Brands are missing a trick when it comes to their media plans.

Research from Nine and Kantar says marketers’ singular focus on younger demos has led to media plans and creative campaigns that miss the highest spenders: high earning and modern thinking 55-64 year old consumers. Kia marketing boss Dean Norbiato agrees – but thanks rivals for leaving the path clear for Kia to tap the most lucrative prospects.

Don’t act your age

Brands are missing a trick when it comes to their media plans and creative executions by focusing too heavily on 16-39 and 25-54-year-old consumer groups.

A study from Nine and Kantar shows brands misconstrue older demographics as people hanging out for retirement, rather than high value earners.

“One of the key quotes that I heard over and over and over again was they do not feel, and they don't want to act their age. More so that they think of themselves as 30-year-olds in 55-plus bodies,” Emma Lewis, Senior Account Director at Kantar said.

“If you add in the fact that they've got more confidence, life experience, time on their hands and are less weighed down by some of those domestic responsibilities of people in their 30s and 40s – and definitely have more money – they're gold for marketers.”
 

Spend and influence

Nine and Kantar estimate this "blind spot" to be worth $2.3bn in weekly household spend.

But Kia Marketing GM Dean Norbiato argues the value of the 55-64 demographic goes beyond the cash in their wallets.

In a high cost, big decision category like automotive, he says the older generation also influence the decision-making of consumers close to them, who are often in the 16-39 and 25-54 brackets.

“Instead of rolling up for the retirement queue, they're very much rolling up their sleeves and getting into work in some high-end roles – with wider disposable income that comes off the back of that,” said Norbiato.

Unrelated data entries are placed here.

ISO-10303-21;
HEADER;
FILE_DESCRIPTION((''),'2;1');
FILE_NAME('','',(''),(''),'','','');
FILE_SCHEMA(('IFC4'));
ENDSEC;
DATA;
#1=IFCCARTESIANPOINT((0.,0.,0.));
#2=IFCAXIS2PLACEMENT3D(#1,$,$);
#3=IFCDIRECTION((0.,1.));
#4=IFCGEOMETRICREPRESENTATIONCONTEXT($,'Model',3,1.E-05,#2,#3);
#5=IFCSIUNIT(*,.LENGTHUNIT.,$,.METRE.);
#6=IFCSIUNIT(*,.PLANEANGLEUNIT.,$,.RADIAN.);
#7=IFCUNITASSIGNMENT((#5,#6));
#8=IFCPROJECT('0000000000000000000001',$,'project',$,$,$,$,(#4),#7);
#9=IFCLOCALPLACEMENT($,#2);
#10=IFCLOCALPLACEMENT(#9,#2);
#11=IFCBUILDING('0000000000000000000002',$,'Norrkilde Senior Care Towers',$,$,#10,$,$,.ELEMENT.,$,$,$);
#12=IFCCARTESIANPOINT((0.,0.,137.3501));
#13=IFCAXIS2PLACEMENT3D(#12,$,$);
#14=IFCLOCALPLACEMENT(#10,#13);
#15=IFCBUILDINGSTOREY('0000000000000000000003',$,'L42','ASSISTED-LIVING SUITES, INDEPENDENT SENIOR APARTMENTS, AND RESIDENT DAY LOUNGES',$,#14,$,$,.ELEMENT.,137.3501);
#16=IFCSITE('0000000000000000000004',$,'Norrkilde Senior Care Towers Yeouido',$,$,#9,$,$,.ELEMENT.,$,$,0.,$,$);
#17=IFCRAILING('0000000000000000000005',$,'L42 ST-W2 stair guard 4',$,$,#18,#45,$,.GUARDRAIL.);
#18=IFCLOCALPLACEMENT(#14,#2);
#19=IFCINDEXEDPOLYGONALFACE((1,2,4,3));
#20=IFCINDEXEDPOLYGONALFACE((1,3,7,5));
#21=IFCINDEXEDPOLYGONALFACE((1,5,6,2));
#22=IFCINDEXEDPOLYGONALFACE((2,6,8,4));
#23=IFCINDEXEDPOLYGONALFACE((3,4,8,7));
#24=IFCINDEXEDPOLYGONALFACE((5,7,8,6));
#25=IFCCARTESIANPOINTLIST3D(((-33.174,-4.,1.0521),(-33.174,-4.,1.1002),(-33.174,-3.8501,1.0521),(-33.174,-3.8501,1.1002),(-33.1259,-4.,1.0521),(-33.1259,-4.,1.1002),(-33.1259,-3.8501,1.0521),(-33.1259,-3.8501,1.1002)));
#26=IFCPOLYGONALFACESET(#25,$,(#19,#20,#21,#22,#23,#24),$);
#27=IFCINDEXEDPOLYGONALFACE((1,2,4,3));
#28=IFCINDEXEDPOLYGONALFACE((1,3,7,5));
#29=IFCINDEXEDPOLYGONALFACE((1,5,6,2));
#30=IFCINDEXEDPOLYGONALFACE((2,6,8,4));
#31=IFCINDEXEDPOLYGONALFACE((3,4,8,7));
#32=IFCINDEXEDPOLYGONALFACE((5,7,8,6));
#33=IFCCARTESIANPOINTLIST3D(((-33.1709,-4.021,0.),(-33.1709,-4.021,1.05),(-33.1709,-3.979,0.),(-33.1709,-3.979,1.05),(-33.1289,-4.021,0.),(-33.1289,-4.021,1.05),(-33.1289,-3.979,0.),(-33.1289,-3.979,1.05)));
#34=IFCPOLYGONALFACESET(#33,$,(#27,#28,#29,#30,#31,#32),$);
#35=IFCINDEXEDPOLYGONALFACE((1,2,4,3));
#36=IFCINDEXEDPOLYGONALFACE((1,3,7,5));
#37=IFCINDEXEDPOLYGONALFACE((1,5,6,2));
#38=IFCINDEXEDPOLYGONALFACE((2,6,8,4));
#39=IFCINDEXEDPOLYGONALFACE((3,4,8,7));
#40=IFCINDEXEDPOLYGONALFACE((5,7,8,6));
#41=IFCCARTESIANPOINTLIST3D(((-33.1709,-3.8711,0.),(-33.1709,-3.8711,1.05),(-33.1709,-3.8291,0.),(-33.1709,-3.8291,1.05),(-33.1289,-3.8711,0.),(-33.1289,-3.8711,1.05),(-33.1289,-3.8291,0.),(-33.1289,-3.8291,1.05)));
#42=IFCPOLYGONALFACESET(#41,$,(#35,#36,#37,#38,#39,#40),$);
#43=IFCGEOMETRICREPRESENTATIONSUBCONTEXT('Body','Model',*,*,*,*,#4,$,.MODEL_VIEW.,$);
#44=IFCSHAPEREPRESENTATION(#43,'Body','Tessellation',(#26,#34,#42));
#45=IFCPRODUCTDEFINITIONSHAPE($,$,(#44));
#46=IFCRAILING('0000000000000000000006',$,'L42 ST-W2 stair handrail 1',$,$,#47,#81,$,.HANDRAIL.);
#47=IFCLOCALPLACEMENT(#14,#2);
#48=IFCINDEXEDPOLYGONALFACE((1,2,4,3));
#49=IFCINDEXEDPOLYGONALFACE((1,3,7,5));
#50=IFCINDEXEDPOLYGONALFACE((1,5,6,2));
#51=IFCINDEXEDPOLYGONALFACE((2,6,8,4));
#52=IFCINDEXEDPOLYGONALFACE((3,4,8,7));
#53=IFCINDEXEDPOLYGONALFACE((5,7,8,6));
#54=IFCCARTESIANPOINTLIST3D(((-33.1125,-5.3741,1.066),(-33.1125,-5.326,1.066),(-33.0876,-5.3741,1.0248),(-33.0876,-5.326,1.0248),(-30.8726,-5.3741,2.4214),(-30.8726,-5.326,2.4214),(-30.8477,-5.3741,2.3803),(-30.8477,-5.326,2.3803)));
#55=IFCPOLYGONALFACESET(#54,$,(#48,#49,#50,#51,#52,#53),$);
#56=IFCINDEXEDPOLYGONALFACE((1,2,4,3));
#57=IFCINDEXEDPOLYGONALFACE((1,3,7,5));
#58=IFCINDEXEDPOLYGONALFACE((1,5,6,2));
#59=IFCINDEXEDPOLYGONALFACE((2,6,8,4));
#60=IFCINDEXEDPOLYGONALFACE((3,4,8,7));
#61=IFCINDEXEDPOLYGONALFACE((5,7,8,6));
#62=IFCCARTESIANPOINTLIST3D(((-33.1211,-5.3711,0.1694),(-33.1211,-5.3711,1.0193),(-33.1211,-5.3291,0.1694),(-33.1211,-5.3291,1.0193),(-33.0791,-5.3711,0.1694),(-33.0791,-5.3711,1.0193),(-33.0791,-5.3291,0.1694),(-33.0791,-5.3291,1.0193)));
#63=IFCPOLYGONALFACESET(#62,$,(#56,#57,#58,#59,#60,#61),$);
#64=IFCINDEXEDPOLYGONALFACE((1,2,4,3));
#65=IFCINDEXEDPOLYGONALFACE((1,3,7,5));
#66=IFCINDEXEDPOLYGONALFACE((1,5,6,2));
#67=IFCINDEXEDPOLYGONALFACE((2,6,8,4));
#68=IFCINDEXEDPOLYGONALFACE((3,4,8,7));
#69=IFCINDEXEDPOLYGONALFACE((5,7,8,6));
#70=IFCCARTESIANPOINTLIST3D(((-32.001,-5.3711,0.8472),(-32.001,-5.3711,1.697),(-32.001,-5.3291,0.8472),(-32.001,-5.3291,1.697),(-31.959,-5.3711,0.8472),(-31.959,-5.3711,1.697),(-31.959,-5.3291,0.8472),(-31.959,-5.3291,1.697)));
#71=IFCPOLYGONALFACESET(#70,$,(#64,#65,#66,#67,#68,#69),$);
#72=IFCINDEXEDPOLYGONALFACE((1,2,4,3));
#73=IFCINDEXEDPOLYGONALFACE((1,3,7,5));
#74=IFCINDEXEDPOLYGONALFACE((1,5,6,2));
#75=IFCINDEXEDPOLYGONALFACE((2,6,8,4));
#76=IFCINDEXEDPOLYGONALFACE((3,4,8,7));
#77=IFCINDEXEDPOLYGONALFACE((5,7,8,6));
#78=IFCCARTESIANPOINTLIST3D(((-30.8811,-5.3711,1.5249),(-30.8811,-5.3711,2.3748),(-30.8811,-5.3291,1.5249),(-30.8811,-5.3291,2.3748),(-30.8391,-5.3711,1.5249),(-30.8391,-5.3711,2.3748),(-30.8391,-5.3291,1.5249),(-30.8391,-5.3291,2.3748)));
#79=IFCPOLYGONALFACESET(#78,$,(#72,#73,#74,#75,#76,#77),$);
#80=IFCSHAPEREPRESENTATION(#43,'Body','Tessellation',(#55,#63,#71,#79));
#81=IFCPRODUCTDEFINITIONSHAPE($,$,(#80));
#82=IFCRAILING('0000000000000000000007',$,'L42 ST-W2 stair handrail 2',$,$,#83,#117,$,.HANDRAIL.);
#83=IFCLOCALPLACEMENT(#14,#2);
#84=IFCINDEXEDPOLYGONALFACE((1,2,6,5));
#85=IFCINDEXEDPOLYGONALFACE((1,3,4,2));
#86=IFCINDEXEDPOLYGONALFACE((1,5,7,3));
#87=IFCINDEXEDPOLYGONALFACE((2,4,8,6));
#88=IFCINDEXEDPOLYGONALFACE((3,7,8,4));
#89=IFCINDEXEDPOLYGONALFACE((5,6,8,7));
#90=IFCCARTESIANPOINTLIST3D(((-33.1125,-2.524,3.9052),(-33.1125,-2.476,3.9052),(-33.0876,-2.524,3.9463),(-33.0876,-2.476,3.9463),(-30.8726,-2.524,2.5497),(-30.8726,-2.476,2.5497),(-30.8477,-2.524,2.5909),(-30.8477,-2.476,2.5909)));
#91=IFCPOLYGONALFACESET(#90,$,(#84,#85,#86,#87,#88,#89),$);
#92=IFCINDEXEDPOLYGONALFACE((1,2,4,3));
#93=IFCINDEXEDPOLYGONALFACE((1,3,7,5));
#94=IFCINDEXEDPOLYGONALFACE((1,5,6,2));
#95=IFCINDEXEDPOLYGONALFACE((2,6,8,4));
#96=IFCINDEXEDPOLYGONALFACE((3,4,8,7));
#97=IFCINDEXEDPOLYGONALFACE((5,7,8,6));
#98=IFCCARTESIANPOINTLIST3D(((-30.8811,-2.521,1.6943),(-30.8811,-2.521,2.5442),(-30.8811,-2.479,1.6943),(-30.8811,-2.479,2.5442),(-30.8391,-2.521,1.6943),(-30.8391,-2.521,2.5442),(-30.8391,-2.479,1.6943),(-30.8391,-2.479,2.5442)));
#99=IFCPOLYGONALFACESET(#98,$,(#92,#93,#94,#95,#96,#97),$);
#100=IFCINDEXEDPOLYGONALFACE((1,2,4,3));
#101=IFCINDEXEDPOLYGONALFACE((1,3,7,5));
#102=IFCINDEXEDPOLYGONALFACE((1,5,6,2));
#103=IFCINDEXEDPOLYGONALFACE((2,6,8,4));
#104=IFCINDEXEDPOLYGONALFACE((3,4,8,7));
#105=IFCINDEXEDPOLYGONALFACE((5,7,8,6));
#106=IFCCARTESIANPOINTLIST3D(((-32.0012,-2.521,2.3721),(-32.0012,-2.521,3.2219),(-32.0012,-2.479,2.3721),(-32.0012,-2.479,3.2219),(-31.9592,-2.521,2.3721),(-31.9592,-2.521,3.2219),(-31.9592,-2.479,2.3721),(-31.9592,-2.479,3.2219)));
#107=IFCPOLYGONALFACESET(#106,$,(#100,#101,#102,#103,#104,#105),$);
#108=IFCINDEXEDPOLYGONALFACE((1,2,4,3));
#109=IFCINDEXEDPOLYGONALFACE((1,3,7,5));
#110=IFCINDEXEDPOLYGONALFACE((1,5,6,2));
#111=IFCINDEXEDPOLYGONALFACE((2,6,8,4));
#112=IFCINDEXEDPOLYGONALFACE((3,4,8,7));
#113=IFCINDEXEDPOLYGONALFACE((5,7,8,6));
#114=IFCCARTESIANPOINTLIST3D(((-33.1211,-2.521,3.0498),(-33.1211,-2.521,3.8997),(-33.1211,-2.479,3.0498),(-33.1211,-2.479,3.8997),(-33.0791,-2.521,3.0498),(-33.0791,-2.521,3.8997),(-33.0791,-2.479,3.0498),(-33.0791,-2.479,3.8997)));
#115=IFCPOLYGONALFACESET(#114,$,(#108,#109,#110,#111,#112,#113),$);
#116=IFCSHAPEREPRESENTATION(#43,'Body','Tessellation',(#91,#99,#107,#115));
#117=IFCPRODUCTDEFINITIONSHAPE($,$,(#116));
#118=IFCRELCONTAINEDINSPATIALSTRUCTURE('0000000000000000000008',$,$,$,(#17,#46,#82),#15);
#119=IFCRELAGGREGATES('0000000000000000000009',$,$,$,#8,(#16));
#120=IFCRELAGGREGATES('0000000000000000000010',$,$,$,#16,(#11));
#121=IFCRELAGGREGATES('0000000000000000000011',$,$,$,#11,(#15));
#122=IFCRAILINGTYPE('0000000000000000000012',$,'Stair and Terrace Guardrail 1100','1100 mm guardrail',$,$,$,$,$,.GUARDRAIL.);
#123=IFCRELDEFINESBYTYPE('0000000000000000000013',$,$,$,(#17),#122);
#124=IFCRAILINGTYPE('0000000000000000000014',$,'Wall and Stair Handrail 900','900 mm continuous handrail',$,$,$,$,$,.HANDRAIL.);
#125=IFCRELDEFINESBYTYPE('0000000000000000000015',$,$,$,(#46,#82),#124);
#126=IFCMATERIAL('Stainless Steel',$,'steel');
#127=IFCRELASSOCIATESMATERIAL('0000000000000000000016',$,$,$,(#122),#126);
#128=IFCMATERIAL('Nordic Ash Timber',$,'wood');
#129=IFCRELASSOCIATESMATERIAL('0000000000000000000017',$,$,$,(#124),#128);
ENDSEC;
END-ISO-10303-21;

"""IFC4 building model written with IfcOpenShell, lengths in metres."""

from ifc_helpers import new_model, si_unit, direction, frame, origin, origin_2d, place, context, subcontext, project, spatial, rectangle, extrude, material, type_object, element, save


model = new_model("IFC4")

# Units and contexts
model_context = context("Model", 3, precision=1e-05, world=origin(), true_north=direction((0.0, 1.0)))
body_context = subcontext(model_context, "Body", "Model", "MODEL_VIEW")
ifc_project = project(units=[si_unit("LENGTHUNIT", "METRE"), si_unit("PLANEANGLEUNIT", "RADIAN")], contexts=[model_context])

# Site, building, storey
site_placement = place(None, origin())
site = spatial("IfcSite", under=ifc_project, at=site_placement, Name="Norrkilde Senior Care Towers Yeouido", CompositionType="ELEMENT", RefElevation=0.0)
building_placement = place(site_placement, origin())
building = spatial("IfcBuilding", under=site, at=building_placement, Name="Norrkilde Senior Care Towers", CompositionType="ELEMENT")
storey_placement = place(building_placement, frame((0.0, 0.0, 137.3501)))
storey = spatial("IfcBuildingStorey", under=building, at=storey_placement, Name="L42", Description="ASSISTED-LIVING SUITES, INDEPENDENT SENIOR APARTMENTS, AND RESIDENT DAY LOUNGES", CompositionType="ELEMENT", Elevation=137.3501)

# Railings
ifc_material_1 = material(Name="Stainless Steel", Category="steel")
railing_type_1 = type_object("IfcRailingType", Name="Stair and Terrace Guardrail 1100", Description="1100 mm guardrail", PredefinedType="GUARDRAIL", material=ifc_material_1)
railing_1_placement = place(storey_placement, frame((-33.1499, -4.0, 0.0)))
element("IfcRailing", 1, at=railing_1_placement, inside=storey, type_object=railing_type_1, Name="L42 ST-W2 stair guard 4", PredefinedType="GUARDRAIL", context=body_context, shape_type="SweptSolid", body=[
    extrude(rectangle(XDim=0.0481, YDim=0.0481, at=origin_2d()), frame((0.0, 0.0, 1.0762), z_axis=(0.0, 1.0, 0.0), x_axis=(-1.0, 0.0, 0.0)), (0.0, 0.0, 1.0), 0.1499),
    extrude(rectangle(XDim=0.042, YDim=0.042, at=origin_2d()), origin(), (0.0, 0.0, 1.0), 1.05),
    extrude(rectangle(XDim=0.042, YDim=0.042, at=origin_2d()), frame((0.0, 0.1499, 0.0)), (0.0, 0.0, 1.0), 1.05),
])
ifc_material_2 = material(Name="Nordic Ash Timber", Category="wood")
railing_type_2 = type_object("IfcRailingType", Name="Wall and Stair Handrail 900", Description="900 mm continuous handrail", PredefinedType="HANDRAIL", material=ifc_material_2)
railing_2_placement = place(storey_placement, frame((-33.1001, -5.3501, 0.1694)))
element("IfcRailing", 2, at=railing_2_placement, inside=storey, type_object=railing_type_2, Name="L42 ST-W2 stair handrail 1", PredefinedType="HANDRAIL", context=body_context, shape_type="SweptSolid", body=[
    extrude(rectangle(XDim=0.0481, YDim=0.0481, at=origin_2d()), frame((0.0, 0.0, 0.876), z_axis=(0.855553, 0.0, 0.517715), x_axis=(0.0, 1.0, 0.0)), (0.0, 0.0, 1.0), 2.6182),
    extrude(rectangle(XDim=0.042, YDim=0.042, at=origin_2d()), origin(), (0.0, 0.0, 1.0), 0.8499),
    extrude(rectangle(XDim=0.042, YDim=0.042, at=origin_2d()), frame((1.1201, 0.0, 0.6777)), (0.0, 0.0, 1.0), 0.8499),
    extrude(rectangle(XDim=0.042, YDim=0.042, at=origin_2d()), frame((2.24, 0.0, 1.3555)), (0.0, 0.0, 1.0), 0.8499),
])
railing_3_placement = place(storey_placement, frame((-30.8601, -2.5, 1.6943)))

“That makes them important in purchasing, because in a lot of decisions, they impact not only their own decision but also their immediate influence group, like their friends and definitely their families.

“To someone like me in auto marketing or someone who would sell or market real estate, they're very important – they need to be considered.”

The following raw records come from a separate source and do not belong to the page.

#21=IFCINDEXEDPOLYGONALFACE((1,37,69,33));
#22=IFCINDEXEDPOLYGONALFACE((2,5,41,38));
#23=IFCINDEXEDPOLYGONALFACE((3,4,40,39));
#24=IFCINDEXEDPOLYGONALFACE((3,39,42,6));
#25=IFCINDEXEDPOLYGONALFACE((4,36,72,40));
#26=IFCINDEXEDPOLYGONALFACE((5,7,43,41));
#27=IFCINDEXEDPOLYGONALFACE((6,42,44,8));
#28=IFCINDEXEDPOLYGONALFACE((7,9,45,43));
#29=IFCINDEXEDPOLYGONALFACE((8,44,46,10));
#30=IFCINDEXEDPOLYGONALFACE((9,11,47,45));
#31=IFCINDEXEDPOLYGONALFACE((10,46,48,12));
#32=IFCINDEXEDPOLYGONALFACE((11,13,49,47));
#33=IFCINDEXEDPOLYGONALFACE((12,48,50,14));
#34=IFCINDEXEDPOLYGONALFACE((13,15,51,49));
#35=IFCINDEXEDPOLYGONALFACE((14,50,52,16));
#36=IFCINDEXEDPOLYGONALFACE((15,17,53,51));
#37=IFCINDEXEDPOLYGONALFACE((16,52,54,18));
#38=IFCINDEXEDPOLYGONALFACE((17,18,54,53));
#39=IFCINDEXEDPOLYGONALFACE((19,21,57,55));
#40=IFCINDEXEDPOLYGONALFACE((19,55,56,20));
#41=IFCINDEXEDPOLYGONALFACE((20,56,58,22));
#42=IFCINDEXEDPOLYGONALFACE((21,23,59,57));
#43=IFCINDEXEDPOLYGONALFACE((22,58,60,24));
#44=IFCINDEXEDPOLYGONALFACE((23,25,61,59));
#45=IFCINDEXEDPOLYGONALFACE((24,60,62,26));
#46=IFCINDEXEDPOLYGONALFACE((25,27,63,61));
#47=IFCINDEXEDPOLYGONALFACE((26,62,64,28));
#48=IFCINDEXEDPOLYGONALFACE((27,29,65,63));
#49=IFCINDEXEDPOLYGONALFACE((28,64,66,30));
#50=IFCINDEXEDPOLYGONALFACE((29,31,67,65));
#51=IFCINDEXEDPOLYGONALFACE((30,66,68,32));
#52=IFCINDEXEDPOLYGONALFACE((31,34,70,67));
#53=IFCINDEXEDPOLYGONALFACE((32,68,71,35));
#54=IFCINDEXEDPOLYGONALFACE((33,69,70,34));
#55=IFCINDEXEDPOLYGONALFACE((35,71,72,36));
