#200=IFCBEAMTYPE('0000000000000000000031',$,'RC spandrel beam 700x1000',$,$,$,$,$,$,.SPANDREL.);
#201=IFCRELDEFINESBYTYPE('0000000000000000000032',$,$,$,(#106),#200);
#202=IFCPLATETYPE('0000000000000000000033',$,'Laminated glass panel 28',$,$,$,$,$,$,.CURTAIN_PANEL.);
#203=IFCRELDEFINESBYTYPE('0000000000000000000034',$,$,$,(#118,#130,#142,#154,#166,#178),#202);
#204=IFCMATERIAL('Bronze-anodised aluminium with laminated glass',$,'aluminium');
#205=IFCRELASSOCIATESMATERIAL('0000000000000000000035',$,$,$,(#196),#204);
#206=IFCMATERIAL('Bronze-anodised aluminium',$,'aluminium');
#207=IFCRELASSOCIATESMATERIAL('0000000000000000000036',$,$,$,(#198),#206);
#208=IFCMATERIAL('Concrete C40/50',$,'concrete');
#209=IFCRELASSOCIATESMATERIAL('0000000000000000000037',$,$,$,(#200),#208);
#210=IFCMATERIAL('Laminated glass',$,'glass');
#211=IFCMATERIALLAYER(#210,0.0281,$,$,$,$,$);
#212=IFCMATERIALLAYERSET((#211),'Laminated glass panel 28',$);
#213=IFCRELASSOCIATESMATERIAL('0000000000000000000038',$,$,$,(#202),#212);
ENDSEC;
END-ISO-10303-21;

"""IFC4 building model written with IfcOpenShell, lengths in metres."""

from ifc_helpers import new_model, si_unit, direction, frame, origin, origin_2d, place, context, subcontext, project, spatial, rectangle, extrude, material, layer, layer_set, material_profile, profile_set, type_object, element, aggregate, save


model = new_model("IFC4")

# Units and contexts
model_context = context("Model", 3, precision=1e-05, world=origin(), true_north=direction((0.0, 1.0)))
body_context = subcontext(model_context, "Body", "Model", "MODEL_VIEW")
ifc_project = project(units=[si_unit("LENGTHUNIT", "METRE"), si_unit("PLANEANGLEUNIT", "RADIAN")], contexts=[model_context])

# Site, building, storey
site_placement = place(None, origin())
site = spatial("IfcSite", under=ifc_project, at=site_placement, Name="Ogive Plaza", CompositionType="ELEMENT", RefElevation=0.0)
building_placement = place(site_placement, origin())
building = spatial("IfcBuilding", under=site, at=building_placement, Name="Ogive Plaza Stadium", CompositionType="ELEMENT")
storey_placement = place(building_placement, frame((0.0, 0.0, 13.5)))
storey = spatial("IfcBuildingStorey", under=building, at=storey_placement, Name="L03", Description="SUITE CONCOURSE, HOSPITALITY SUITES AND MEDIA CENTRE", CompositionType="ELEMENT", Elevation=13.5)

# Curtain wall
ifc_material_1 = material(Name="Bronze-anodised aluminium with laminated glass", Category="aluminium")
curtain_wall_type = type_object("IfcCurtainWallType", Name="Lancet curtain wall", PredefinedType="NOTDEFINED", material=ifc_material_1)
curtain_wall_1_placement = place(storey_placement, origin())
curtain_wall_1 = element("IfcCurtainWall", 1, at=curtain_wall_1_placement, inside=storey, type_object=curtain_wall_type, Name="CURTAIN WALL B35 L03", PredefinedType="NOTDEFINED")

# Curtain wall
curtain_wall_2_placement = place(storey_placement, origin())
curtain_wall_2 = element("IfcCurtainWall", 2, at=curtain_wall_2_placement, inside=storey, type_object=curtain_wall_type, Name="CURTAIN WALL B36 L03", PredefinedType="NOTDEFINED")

By way of example, Norbiato said a friend recently texted to say they had just bought their granddaughter a new Kia Cerato.

While the granddaughter had done the bulk of the research into the purchase, he said the ability to “veto” the decision or influence the path to purchase was very much in the hands of the older relative.

“He hears from Kia, he sees Kia, he understands what we stand for, and he was able to validate that purchase,” Norbiato said.

“It’s a real life example of how not only will the 66-year-old have the ability to purchase his own car, but he materially impacts and influences the decision of the granddaughter.

“So you've got to really understand that consumer journey and interrogate and understand the role that the older age group play.”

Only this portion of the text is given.